Avelumab in Advanced Hepatocellular Carcinoma
Lee et al. Page 713
Recently, immune checkpoint inhibitors have shown promising results in advanced hepatocellular carcinoma (HCC). In a single-arm phase II study, Lee and colleagues evaluated the efficacy and safety of avelumab, anti-PD-L1, in patients with advanced HCC previously treated with sorafenib. Avelumab showed an ORR of 10% and disease control rate of 73.3%. The median time to progression was 4.4 months (95% CI, 2.9–5.9), and median OS was 14.2 months (95% CI, 9.5–18.9). Avelumab was well tolerated with manageable toxicity. PD-L1 expression did not correlate with response rate. Patients who received longer duration of sorafenib had better outcome on avelumab. The study results show that avelumab may be a treatment option in sorafenib refractory advanced HCC.
Immunotherap. for BcR Stereotypy in CLL
Rovida et al. Page 729
Approximately 30% of patients with chronic lymphocytic leukemia (CLL) can be grouped into subsets with stereotyped B-cell receptor immunoglobulin (BcR IG) displaying similarity in the heavy complementarity-determining region 3 (VH CDR3). Rovida and colleagues show that immunogenic epitopes can be isolated from the consensus VH CDR3 sequence of both human and murine stereotyped CLL, processed and presented by CLL cells and recognized by specific T cells. Immunization of EμTCL1 CLL mouse model reduced leukemia development and increased overall survival of the animals. This data highlight the immunogenicity of stereotyped VH CDR3 sequences and support the feasibility and efficacy of their use for cancer vaccines with the potential of targeting groups of patients with CLL.

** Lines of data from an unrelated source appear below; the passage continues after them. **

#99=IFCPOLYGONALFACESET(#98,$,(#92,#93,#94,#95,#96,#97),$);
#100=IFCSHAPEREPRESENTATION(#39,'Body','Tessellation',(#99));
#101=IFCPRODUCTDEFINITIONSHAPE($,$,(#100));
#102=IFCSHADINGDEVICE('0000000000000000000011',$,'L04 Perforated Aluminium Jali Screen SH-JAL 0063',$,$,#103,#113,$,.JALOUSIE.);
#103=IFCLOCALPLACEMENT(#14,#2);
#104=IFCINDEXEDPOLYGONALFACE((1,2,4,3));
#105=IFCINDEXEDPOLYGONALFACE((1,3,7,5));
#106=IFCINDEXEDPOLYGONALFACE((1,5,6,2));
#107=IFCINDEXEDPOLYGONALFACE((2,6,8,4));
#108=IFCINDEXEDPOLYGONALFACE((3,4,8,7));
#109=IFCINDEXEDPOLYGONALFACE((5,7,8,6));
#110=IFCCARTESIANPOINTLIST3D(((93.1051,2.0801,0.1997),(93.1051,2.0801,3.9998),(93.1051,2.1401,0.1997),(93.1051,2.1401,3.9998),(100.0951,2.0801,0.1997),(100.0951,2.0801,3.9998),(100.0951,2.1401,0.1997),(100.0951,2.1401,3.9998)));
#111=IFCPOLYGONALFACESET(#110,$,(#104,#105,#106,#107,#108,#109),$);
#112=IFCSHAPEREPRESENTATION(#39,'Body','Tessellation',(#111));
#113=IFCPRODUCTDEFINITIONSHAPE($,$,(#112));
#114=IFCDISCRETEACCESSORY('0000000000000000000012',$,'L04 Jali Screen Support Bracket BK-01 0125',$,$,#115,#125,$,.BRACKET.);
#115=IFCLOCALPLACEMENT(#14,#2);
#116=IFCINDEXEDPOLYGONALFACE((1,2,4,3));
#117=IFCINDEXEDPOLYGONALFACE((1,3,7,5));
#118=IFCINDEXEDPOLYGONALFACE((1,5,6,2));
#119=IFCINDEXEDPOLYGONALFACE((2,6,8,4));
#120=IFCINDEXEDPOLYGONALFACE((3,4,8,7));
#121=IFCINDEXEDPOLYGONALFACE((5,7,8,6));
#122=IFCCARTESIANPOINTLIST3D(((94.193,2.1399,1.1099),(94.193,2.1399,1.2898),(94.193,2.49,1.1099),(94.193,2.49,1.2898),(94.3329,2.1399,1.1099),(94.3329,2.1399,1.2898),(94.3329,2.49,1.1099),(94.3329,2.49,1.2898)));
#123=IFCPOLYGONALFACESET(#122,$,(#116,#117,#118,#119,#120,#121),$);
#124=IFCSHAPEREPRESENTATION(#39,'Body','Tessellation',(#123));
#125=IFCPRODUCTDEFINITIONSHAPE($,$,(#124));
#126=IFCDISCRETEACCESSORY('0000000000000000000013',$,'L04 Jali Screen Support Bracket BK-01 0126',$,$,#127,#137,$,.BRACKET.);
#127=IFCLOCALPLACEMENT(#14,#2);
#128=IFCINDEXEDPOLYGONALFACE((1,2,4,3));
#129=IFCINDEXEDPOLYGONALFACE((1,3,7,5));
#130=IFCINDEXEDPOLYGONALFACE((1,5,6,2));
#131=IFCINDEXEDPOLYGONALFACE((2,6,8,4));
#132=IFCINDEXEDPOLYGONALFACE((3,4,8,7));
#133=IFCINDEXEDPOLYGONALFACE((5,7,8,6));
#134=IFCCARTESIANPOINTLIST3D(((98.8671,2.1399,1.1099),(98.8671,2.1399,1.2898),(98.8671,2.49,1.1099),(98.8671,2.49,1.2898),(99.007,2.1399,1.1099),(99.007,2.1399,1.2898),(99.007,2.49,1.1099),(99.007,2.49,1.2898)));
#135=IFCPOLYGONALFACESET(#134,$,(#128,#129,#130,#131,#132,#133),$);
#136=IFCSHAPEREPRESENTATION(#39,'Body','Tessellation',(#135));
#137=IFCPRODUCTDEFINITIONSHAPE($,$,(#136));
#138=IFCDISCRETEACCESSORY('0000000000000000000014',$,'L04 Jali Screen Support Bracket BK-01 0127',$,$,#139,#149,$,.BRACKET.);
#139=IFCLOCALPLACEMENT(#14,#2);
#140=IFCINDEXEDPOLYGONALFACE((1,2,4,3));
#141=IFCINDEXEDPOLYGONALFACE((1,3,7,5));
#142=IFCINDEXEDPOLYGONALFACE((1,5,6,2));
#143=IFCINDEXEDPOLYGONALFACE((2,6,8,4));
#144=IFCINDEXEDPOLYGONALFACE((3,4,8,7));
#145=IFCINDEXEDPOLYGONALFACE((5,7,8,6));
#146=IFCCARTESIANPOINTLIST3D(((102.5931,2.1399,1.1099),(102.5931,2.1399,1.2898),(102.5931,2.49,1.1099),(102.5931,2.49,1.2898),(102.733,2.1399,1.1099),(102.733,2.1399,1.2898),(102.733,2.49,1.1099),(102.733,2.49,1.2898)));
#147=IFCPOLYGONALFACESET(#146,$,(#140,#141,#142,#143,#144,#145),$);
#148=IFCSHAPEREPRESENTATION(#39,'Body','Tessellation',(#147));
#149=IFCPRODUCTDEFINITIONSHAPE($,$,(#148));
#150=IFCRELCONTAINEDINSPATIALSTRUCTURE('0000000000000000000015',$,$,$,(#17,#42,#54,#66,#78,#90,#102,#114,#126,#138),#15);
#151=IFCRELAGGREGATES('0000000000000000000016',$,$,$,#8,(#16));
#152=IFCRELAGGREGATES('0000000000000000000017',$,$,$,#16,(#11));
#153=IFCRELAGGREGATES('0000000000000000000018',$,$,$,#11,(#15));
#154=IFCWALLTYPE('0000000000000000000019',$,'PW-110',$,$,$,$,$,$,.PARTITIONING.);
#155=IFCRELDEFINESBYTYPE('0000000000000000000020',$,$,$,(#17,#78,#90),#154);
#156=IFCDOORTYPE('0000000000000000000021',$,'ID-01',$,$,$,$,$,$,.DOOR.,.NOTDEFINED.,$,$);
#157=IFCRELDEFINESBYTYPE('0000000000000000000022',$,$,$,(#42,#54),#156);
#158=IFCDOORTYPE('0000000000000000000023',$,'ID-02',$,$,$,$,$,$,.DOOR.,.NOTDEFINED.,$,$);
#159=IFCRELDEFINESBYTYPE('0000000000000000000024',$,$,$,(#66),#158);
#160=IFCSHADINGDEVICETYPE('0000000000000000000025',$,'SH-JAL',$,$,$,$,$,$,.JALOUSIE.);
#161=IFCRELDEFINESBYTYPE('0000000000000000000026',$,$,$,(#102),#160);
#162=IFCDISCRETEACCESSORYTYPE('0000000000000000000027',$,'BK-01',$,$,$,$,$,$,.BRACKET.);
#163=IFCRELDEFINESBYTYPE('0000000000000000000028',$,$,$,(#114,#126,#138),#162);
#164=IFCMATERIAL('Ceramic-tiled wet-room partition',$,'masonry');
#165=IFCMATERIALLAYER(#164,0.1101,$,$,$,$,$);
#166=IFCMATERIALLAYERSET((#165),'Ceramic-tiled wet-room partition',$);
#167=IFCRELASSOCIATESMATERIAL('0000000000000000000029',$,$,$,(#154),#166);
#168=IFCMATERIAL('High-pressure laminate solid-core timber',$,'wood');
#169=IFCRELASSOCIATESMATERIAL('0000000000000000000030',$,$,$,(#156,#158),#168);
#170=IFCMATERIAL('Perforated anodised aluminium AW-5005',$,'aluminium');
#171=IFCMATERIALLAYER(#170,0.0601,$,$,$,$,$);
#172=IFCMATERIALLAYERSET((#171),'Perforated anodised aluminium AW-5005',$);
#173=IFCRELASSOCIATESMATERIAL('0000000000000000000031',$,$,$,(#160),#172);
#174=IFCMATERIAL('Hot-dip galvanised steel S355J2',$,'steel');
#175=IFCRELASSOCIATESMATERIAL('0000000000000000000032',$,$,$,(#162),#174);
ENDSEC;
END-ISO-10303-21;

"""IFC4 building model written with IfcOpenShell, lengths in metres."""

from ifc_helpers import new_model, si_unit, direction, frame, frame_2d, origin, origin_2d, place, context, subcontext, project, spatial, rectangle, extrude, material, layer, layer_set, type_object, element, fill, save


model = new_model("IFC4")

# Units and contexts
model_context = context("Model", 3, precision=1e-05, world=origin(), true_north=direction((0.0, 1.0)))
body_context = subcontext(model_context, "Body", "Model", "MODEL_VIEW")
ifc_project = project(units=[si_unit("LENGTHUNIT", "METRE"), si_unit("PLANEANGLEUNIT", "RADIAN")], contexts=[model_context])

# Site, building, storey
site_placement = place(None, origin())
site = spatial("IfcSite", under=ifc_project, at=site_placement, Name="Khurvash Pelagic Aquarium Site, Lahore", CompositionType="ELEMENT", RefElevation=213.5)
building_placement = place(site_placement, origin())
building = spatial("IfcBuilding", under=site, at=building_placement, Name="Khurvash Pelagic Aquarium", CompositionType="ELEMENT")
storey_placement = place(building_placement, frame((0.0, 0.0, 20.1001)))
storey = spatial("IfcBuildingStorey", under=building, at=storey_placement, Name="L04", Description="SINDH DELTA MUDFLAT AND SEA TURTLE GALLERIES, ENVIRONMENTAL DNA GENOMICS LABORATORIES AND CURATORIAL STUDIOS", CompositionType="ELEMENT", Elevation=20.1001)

Regulation and Therapeutic Targeting of CEACAM5 in NEPC
DeLucia et al. Page 759
The carcinoembryonic antigen CEACAM5 is upregulated in neuroendocrine prostate cancer (NEPC), which lacks effective therapies. DeLucia and colleagues analyzed lethal prostate cancers by multiplex immunofluorescence to demonstrate minimal coexpression of CEACAM5 with PSMA, PSCA, and Trop. in NEPC. A functional basis for CEACAM5 expression was identified in that the pioneer factor ASCL1 induces CEACAM5 via chromatin remodeling during neuroendocrine transdifferentiation. Further, the CEACAM5 antibody-drug conjugate, labetuzumab govitecan, was redirected to NEPC and showed marked efficacy in xenograft models. Based on these promising findings, a phase I/II clinical trial of labetuzumab govitecan in men with NEPC is now in development.
MET Exon 14-Altered Lung Cancers and MET TKI Resistance
Guo et al. Page 799
Selective MET tyrosine kinase inhibitors (TKI), such as capmatinib and tepotinib, have demonstrated unprecedented activity in MET exon 14-altered lung cancers, but response rates are still modest relative to targeted therapies in other oncogene-driven lung cancers (i.e., EGFR). Guo and colleagues conducted genomic and proteomic testing on pretreatment samples from patients treated with a MET tyrosine kinase inhibitor (TKI). Genomic factors outside activating MET exon 14-alterations did not predict benefit with TKI, whereas MET expression by immunohistochemistry or mass spectrometry may predict benefit. These findings highlight that proteomic factors may modify response to TKI in MET exon 14-altered lung cancers.